The normal method leaves the system hung at halt
shutdown -r now

The forceful method isn't possible
echo 1 > /proc/sys/kernel/sysrq
echo b > /proc/sysrq-trigger

I don't see any Power Management options in the MVL kernel source either.
make menuconfig

 

  • Something happened and the system started to reboot properly.

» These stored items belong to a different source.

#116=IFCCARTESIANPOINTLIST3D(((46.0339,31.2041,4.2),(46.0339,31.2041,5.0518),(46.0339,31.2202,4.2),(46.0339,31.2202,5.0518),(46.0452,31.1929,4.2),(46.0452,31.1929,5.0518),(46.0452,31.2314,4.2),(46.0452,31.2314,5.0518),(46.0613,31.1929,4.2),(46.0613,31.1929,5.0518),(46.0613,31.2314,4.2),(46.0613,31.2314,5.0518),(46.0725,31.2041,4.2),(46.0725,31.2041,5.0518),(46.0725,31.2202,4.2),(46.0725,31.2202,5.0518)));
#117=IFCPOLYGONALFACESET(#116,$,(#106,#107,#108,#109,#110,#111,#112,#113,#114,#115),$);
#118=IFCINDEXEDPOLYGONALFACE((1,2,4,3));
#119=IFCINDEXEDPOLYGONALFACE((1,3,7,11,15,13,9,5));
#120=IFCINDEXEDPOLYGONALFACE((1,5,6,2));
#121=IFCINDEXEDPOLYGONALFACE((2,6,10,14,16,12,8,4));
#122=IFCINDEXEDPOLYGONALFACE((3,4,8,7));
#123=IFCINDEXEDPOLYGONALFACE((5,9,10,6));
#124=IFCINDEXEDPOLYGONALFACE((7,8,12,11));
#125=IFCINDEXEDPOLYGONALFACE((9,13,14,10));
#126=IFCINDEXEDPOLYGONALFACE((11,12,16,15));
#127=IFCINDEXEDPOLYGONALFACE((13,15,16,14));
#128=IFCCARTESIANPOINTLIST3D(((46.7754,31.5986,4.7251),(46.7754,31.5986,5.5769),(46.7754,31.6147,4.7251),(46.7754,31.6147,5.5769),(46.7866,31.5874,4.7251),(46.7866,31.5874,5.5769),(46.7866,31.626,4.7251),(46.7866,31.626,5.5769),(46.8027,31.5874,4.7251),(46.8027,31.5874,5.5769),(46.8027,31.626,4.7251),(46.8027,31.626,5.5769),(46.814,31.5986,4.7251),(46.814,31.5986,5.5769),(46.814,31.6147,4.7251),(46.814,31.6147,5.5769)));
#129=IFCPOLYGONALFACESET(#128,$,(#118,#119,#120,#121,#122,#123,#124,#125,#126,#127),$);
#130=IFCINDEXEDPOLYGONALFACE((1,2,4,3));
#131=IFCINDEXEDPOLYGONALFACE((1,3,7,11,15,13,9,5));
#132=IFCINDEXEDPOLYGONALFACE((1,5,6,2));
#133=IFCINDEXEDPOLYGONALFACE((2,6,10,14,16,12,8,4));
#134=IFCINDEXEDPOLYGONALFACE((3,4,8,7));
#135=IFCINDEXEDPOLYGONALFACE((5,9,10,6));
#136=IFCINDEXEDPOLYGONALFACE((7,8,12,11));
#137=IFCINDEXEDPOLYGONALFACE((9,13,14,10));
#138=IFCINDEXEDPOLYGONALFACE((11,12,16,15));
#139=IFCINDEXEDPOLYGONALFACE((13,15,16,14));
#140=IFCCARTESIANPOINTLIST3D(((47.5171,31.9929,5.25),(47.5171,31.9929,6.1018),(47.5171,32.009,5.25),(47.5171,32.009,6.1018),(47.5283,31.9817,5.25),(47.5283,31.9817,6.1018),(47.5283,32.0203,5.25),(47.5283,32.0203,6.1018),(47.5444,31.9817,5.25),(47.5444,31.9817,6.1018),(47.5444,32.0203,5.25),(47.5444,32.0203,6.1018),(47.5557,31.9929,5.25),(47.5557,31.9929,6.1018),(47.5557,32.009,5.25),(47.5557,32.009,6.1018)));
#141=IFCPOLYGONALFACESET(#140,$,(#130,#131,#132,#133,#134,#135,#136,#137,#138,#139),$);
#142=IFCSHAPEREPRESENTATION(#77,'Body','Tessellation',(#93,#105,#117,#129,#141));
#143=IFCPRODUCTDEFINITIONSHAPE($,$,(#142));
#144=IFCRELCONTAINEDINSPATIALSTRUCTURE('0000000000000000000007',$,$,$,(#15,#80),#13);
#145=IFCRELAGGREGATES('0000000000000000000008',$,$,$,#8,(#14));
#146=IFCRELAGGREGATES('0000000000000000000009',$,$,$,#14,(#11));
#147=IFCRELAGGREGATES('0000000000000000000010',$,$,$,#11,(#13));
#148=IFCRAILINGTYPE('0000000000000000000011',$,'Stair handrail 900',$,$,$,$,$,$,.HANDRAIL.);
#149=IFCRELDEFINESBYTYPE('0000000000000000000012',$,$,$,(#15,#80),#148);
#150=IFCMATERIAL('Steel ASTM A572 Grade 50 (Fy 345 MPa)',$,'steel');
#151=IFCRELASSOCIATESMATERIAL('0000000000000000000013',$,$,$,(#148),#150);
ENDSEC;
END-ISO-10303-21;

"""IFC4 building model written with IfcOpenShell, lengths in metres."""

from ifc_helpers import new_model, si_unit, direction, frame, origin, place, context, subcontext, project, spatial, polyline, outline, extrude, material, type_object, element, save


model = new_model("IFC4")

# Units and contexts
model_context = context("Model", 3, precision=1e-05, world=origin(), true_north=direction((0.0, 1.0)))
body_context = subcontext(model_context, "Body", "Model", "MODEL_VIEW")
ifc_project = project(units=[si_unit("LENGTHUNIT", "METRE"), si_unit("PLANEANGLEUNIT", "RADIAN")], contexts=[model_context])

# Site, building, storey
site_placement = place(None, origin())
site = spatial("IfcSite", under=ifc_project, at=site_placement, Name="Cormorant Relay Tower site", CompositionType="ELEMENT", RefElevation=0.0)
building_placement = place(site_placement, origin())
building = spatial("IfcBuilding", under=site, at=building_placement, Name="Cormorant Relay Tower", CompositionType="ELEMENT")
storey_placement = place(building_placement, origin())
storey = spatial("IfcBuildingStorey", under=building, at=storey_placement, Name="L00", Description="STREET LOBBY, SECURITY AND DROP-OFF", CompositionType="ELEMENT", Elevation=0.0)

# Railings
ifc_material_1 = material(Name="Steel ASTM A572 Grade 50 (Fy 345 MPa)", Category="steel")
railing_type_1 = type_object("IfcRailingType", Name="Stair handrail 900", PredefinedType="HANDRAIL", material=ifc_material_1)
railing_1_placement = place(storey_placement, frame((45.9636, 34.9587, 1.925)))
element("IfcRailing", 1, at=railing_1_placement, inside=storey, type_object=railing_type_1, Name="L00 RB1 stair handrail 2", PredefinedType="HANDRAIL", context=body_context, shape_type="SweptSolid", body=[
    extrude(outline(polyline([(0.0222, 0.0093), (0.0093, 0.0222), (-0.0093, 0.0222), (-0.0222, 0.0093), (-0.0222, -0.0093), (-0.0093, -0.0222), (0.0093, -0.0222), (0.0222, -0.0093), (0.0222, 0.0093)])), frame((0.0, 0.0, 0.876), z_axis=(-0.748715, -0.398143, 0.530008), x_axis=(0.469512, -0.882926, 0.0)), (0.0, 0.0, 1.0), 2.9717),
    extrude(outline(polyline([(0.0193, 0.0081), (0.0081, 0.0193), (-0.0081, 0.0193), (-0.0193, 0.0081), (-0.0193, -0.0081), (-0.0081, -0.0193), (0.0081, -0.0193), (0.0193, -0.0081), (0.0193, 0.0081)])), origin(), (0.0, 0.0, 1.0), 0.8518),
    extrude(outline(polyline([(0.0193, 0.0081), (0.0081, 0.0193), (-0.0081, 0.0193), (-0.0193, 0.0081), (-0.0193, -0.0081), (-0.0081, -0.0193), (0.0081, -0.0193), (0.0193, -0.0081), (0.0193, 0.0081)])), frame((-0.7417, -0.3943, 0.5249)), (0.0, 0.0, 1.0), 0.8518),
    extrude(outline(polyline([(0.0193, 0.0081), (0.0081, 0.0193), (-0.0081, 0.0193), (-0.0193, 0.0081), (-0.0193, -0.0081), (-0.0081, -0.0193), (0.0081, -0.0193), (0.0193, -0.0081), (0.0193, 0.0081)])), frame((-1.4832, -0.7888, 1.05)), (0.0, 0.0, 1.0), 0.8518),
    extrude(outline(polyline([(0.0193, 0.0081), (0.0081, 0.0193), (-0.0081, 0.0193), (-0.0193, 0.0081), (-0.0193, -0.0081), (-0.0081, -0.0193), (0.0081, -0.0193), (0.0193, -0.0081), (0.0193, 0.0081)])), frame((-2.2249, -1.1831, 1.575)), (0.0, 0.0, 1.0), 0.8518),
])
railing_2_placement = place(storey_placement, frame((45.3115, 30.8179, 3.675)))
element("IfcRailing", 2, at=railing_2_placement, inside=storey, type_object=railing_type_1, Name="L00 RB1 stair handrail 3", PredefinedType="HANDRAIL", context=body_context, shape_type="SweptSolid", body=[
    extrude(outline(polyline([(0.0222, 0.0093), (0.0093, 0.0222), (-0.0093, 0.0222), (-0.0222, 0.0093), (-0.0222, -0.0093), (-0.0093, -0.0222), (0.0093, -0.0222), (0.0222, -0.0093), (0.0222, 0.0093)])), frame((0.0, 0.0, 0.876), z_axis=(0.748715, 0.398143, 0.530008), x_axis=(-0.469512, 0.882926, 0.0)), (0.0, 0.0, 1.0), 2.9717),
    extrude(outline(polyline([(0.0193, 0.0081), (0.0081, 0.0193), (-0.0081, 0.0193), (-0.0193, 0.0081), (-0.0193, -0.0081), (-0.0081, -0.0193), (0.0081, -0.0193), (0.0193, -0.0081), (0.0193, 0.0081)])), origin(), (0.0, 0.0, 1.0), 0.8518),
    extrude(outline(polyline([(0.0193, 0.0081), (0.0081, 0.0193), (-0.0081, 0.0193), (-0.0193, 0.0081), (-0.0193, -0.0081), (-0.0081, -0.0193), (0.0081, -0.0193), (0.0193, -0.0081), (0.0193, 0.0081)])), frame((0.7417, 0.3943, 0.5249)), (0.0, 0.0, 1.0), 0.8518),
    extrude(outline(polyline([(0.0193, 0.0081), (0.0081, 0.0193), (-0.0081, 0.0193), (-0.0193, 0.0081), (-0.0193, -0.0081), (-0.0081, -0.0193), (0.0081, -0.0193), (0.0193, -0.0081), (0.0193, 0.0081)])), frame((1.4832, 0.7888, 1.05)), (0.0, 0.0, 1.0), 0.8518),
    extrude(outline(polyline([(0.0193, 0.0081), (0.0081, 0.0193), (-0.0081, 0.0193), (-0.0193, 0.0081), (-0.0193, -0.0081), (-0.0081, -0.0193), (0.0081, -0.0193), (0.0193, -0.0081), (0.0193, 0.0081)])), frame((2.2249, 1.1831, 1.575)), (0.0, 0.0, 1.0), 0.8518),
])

I wasn't able to isolate what change occurred, however, just a few days later in stopped rebooting properly and now instead of hanging at halt / restart as it did before it repeats "BOOTME" every second or so.
    root# shutdown -r now

    Broadcast message from root (console) (Tue Jun  6 00:00:13 1905):

    The system is going down for reboot NOW!
    INIT: Switching toEMAC: TX Complete: Starting queue
    Stopping MontaVista targetRestarting system.
     t BOOTME BOOTME BOOTME BOOTME BOOTME BOOTME BOOTME BOOTME

  • The BOOTME prompts indicate that UART boot mode is selected by the boot pins or that the NAND boot mode failed and then the UART boot mode was initiated as the fallback.  I'm guessing the latter since you had obviously booted into Linux correctly before and I'm guessing that was from the NAND itself.  I would start by erasing and rewriting the UBL to the NAND.  Note that the ROM boot loader of the device can search through blocks 1 through 5 of the NAND, so you can place 5 copies of the UBL to help ensure against boot failures like this (I'm assuming that your NAND only had one UBL image and that is what led to the failure you saw).